Chicken Processing, Wendell Berry, Jesus, the Tao Te Ching, Jimmy Carter, and Winter Storms
The sun hasn’t come up today yet, but the sunrise yesterday was extraordinary!
With that sunrise as a kick-starter, we immediately began loading up 265 pasture-raised meat chickens to take to our processor so that we will have chicken for our pop-up market on Saturday in Dallas.
Our chicken processor is such a gift. I’m not even sure we would raise chickens if it weren’t for Wind Meadows Family Farm. They are one of only a few USDA certified processors for small farms in the entire state and they are only thirty-five minutes away from us.
They specialize in pasture-raised birds like ours and are so easy to work with which is certainly not always the case with processing facilities. It’s a pretty unnerving thing to work so hard to treat these animals with such care and then trust that your processor will do the same. Will we even be getting back the animals that we raised?
I have come to really trust Windy Meadows. Not only are we getting OUR birds back, they have always worked with any special orders we have had and called with any questions.
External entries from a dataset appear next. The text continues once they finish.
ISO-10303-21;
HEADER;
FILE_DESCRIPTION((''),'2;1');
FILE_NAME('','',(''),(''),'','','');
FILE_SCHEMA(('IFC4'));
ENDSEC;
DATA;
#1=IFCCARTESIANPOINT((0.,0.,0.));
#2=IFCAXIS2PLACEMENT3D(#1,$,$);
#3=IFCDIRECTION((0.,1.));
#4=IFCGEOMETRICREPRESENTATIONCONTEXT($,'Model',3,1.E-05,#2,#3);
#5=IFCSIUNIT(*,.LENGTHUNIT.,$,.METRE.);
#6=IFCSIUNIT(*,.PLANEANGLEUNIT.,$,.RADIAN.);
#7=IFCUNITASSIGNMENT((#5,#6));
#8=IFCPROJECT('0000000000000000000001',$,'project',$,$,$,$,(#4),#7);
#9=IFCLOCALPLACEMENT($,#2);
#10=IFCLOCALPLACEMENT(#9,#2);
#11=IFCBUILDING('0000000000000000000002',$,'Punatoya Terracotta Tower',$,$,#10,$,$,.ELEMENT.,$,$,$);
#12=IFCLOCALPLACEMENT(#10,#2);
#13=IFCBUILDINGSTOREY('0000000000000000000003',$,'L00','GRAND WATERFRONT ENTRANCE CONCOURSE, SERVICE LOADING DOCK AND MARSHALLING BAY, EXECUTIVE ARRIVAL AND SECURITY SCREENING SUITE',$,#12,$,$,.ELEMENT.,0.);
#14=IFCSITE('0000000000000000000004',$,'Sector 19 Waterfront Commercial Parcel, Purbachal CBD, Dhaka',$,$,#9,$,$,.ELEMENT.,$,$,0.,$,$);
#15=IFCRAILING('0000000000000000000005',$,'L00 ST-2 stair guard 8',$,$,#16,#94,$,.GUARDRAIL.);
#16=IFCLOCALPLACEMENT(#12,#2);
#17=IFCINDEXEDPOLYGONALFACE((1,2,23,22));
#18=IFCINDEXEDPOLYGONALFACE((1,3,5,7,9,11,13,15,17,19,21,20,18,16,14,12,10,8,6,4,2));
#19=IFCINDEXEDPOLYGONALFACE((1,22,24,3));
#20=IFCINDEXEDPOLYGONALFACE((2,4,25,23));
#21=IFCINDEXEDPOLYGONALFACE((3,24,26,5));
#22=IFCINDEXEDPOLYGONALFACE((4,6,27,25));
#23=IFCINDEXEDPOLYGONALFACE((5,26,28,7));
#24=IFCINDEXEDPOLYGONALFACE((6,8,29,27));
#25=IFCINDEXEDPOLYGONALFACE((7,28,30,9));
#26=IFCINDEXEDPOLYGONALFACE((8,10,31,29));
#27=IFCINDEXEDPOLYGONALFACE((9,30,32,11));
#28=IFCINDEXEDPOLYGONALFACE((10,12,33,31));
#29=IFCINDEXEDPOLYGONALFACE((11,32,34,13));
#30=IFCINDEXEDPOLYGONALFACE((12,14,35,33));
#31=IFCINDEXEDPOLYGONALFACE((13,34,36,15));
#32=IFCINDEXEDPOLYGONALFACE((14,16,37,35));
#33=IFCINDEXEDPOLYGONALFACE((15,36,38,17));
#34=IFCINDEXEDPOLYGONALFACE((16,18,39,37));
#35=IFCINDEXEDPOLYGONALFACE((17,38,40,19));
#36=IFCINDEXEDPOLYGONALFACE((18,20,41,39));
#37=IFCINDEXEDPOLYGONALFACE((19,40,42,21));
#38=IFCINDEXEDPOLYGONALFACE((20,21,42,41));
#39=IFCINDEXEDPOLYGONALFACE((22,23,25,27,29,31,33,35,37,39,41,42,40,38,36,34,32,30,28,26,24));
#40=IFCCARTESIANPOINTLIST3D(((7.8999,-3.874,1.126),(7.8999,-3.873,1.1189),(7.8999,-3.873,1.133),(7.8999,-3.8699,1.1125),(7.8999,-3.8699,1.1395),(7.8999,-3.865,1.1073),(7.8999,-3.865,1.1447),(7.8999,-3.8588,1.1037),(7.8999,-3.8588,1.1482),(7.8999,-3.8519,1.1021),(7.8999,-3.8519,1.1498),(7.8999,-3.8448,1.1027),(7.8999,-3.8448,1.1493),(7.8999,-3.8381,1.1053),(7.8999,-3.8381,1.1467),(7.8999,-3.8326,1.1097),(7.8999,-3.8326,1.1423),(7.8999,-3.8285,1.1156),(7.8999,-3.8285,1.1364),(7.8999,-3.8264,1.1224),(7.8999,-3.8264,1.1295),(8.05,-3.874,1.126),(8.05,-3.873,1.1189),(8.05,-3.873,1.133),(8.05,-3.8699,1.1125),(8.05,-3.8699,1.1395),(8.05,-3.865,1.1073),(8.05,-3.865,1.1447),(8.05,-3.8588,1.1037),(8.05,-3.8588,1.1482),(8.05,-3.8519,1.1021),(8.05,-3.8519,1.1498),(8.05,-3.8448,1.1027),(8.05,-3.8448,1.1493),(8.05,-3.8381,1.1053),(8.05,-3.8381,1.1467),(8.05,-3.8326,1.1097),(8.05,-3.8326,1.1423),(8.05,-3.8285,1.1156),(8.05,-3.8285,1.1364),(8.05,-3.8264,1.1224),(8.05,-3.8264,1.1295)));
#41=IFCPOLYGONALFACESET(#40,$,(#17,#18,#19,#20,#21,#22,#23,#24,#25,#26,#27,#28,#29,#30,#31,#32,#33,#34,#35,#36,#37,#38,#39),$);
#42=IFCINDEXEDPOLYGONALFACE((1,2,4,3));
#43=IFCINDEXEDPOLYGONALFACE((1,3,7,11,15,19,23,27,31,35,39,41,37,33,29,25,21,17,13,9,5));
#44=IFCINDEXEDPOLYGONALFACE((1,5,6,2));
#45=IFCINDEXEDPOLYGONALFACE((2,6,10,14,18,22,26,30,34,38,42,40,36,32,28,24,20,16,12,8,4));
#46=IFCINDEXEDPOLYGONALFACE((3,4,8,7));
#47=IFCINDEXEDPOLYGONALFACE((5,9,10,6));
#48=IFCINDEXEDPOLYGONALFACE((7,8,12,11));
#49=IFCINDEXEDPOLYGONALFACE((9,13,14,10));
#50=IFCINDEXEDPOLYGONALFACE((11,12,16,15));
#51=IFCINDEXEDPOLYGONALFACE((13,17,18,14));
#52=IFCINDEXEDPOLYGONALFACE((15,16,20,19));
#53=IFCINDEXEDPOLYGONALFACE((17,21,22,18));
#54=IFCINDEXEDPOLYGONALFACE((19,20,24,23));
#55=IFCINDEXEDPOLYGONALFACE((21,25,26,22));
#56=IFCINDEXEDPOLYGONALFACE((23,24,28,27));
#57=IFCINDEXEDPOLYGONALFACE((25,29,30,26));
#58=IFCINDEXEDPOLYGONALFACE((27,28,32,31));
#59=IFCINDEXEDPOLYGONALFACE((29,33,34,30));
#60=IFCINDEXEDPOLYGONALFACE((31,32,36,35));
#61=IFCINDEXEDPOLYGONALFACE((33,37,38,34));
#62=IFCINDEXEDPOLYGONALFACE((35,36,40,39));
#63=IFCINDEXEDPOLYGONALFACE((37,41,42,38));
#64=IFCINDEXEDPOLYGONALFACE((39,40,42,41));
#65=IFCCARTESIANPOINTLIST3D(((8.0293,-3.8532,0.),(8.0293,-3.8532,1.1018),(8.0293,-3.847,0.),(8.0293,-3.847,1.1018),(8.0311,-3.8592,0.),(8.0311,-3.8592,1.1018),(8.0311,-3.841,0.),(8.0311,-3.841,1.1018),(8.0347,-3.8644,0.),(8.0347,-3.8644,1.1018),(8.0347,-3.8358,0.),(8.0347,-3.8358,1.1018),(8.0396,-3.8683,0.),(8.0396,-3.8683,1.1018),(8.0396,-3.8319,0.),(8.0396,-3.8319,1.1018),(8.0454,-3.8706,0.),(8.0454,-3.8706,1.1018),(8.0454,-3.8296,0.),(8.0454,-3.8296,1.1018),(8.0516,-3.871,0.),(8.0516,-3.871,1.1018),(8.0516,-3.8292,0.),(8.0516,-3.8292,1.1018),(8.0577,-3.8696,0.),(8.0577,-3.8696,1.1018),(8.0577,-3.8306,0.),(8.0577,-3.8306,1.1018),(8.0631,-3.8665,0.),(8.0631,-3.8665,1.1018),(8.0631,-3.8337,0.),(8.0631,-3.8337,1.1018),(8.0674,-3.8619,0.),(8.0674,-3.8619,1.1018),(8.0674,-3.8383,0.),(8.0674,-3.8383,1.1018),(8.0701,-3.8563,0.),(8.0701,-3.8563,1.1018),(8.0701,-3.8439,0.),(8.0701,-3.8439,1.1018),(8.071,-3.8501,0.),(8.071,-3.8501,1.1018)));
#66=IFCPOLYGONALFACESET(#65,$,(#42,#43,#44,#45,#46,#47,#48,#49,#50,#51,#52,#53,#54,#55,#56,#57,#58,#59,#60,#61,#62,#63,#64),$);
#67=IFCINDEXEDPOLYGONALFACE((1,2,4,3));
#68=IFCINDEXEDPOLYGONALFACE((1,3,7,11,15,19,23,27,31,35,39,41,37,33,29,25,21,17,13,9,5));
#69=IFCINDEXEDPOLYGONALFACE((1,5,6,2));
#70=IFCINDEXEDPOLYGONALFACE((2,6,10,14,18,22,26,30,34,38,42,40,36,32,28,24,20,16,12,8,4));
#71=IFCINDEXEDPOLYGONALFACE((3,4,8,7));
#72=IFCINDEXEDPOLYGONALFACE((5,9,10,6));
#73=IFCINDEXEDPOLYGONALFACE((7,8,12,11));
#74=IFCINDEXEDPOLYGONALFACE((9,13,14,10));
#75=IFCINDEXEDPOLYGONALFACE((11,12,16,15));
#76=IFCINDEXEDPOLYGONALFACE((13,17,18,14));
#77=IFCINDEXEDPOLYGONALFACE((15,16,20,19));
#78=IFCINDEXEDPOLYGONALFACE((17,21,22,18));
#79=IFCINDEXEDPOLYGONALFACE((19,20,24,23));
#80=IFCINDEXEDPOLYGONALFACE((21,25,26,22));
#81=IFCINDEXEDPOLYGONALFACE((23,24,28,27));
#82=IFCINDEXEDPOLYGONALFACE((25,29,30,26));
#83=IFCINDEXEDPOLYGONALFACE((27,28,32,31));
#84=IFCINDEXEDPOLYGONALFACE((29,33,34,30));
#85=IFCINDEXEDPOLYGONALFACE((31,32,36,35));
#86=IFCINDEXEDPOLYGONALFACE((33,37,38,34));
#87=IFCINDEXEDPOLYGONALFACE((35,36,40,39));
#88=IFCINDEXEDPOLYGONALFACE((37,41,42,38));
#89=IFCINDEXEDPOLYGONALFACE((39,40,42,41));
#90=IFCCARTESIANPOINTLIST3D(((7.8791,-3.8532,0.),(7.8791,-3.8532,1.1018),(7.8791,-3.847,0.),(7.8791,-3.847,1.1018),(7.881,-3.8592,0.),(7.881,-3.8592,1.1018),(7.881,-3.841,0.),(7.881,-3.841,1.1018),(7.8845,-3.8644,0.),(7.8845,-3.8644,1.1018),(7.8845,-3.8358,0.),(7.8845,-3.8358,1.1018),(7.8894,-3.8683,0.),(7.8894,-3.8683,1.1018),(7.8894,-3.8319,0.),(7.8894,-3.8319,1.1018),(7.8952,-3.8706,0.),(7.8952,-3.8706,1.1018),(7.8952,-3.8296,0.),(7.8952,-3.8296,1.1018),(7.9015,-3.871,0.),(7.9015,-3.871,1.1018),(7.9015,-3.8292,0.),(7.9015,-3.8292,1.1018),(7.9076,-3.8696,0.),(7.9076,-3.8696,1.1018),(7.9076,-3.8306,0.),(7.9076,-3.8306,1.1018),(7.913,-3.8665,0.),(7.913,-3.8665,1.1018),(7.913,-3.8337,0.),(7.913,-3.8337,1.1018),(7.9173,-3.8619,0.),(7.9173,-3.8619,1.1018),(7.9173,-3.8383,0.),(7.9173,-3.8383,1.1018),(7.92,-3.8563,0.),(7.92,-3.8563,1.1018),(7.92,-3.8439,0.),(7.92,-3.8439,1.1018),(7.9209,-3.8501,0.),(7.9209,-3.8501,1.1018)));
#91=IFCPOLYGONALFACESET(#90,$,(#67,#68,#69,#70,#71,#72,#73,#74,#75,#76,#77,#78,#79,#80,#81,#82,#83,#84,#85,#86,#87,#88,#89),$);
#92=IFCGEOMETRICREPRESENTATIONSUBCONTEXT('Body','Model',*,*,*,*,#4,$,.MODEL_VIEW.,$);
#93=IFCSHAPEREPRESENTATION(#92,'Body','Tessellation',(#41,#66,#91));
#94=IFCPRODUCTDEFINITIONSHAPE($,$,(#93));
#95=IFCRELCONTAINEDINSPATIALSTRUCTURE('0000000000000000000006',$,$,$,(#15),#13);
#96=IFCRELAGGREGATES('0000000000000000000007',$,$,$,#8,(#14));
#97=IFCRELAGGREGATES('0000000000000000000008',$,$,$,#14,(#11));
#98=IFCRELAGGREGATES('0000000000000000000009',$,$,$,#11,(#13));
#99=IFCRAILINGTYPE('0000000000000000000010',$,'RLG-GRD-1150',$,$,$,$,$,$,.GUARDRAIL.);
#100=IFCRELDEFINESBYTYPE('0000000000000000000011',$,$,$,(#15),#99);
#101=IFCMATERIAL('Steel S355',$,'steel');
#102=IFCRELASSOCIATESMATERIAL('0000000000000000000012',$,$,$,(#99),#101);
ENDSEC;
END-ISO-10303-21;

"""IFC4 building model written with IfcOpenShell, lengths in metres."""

from ifc_helpers import new_model, si_unit, direction, frame, origin, origin_2d, place, context, subcontext, project, spatial, circle, extrude, material, type_object, element, save


model = new_model("IFC4")

# Units and contexts
model_context = context("Model", 3, precision=1e-05, world=origin(), true_north=direction((0.0, 1.0)))
body_context = subcontext(model_context, "Body", "Model", "MODEL_VIEW")
ifc_project = project(units=[si_unit("LENGTHUNIT", "METRE"), si_unit("PLANEANGLEUNIT", "RADIAN")], contexts=[model_context])

# Site, building, storey
site_placement = place(None, origin())
site = spatial("IfcSite", under=ifc_project, at=site_placement, Name="Sector 19 Waterfront Commercial Parcel, Purbachal CBD, Dhaka", CompositionType="ELEMENT", RefElevation=0.0)
building_placement = place(site_placement, origin())
building = spatial("IfcBuilding", under=site, at=building_placement, Name="Punatoya Terracotta Tower", CompositionType="ELEMENT")
storey_placement = place(building_placement, origin())
storey = spatial("IfcBuildingStorey", under=building, at=storey_placement, Name="L00", Description="GRAND WATERFRONT ENTRANCE CONCOURSE, SERVICE LOADING DOCK AND MARSHALLING BAY, EXECUTIVE ARRIVAL AND SECURITY SCREENING SUITE", CompositionType="ELEMENT", Elevation=0.0)

# Shared definitions
ifc_material_1 = material(Name="Steel S355", Category="steel")

# Railing
railing_type_1 = type_object("IfcRailingType", Name="RLG-GRD-1150", PredefinedType="GUARDRAIL", material=ifc_material_1)
railing_1_placement = place(storey_placement, frame((8.05, -3.8501, 0.0)))
element("IfcRailing", 1, at=railing_1_placement, inside=storey, type_object=railing_type_1, Name="L00 ST-2 stair guard 8", PredefinedType="GUARDRAIL", context=body_context, shape_type="SweptSolid", body=[
    extrude(circle(Radius=0.0239, at=origin_2d()), frame((0.0, 0.0, 1.126), z_axis=(-1.0, 0.0, 0.0), x_axis=(0.0, -1.0, 0.0)), (0.0, 0.0, 1.0), 0.1501),
    extrude(circle(Radius=0.021, at=origin_2d()), origin(), (0.0, 0.0, 1.0), 1.1018),
    extrude(circle(Radius=0.021, at=origin_2d()), frame((-0.1501, 0.0, 0.0)), (0.0, 0.0, 1.0), 1.1018),
])

save(model, "model.ifc")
A great off-shoot to working with Windy Meadows has been getting to know Daniel who is in charge of the processing operation.
Daniel is part of the family who owns the farm. He and his spouse are expecting their (gulp) sixth child within a month. Daniel, doesn’t look like a roughneck meat processor but instead approaches with a clean shaven face and a disarming smile. He looks like he could be your young therapist instead of the processor ready to slaughter your chickens.
He talks like it too.
Within five to seven minutes of our visit yesterday he summized that fear or control seem to be at the root of so many problems. From my point of view, he just explained most of my problems and oh, by the way, the history of human civilization.
And then he threw out this nugget. He said that he used to wonder a lot about what he should do with his life, and now “I am just trying to be faithful in the spot where I am planted.”
Imagine that—being in your thirties and not chasing the better salary or bigger house. “If I was with her, or my waist was slimmer, or I had that job, life would finally be good. After all, it’s nine days into January, isn’t this the time to set goals of where I want to be?”
No, says the chicken processor—I am trying to be faithful where I am planted.
It sounds like the entire summation of the wisdom of Wendell Berry’s writings. Berry (I so wish we were related) could have worked at a prestigious university but instead lives on the family farm where he has written over thirty books and countless essays and poems with a No. 2 pencil.
Berry was a regenerative farmer before regenerative farm was a thing. He reminds us that new is not always better, that sexy is not always satisfying, and that more efficency does not always equal better results. He counsels us to not always “pray for new earth or heaven, but to be
quiet in heart, and in eye, clear. What we need is here.”
“I am trying to be faithful where I am planted.”
That phrase sounds like Jesus when he told the parable of the man who planned to build more barns to hold more stuff and yet ended up all alone talking to himself, or his admonition to not wait for things to come but to “wake up” and do the work right in front of us, or his kind words to not worry about the troubles of tomorrow. Today’s troubles are enough.
It sounds like the message I get from reading the Tao Te Ching where I am told that “a good traveller has no fixed plans and is not intent upon arriving” or my friends in Alcoholics Anonymous who teach me to not to worry about the future. “Just do the next right thing. By the way, If you don’t know what the next right thing is, just do the next loving thing because that’s usually the next right thing.”
And so here we are, on the day that our nation honors a peanut farmer who did do big things, but then instead of making more money on more speeches to enhance corporate profits, just went back to the house where he had always lived in little Plains, Georgia.
He went back to the same community he was planted in doing the same things he always did with integrity. Of course, he also built a lot of houses for people that didn’t have them and taught a lot of Sunday school classes too. He was faithful in the spot where he was planted.
I wish I lived in a place that didn’t have crazy weather with tornadoes in the spring, crushing heat in the summer and a maybe rain/maybe snow/maybe ice storm staring us in the face. A place without wild hogs and hungry coyotes and pesky fire ants!
And then I take our chickens to be slaughtered at a little place outside of the small town of Cumby, Texas and I hear these words—
“I am just trying to be faithful where I am planted.”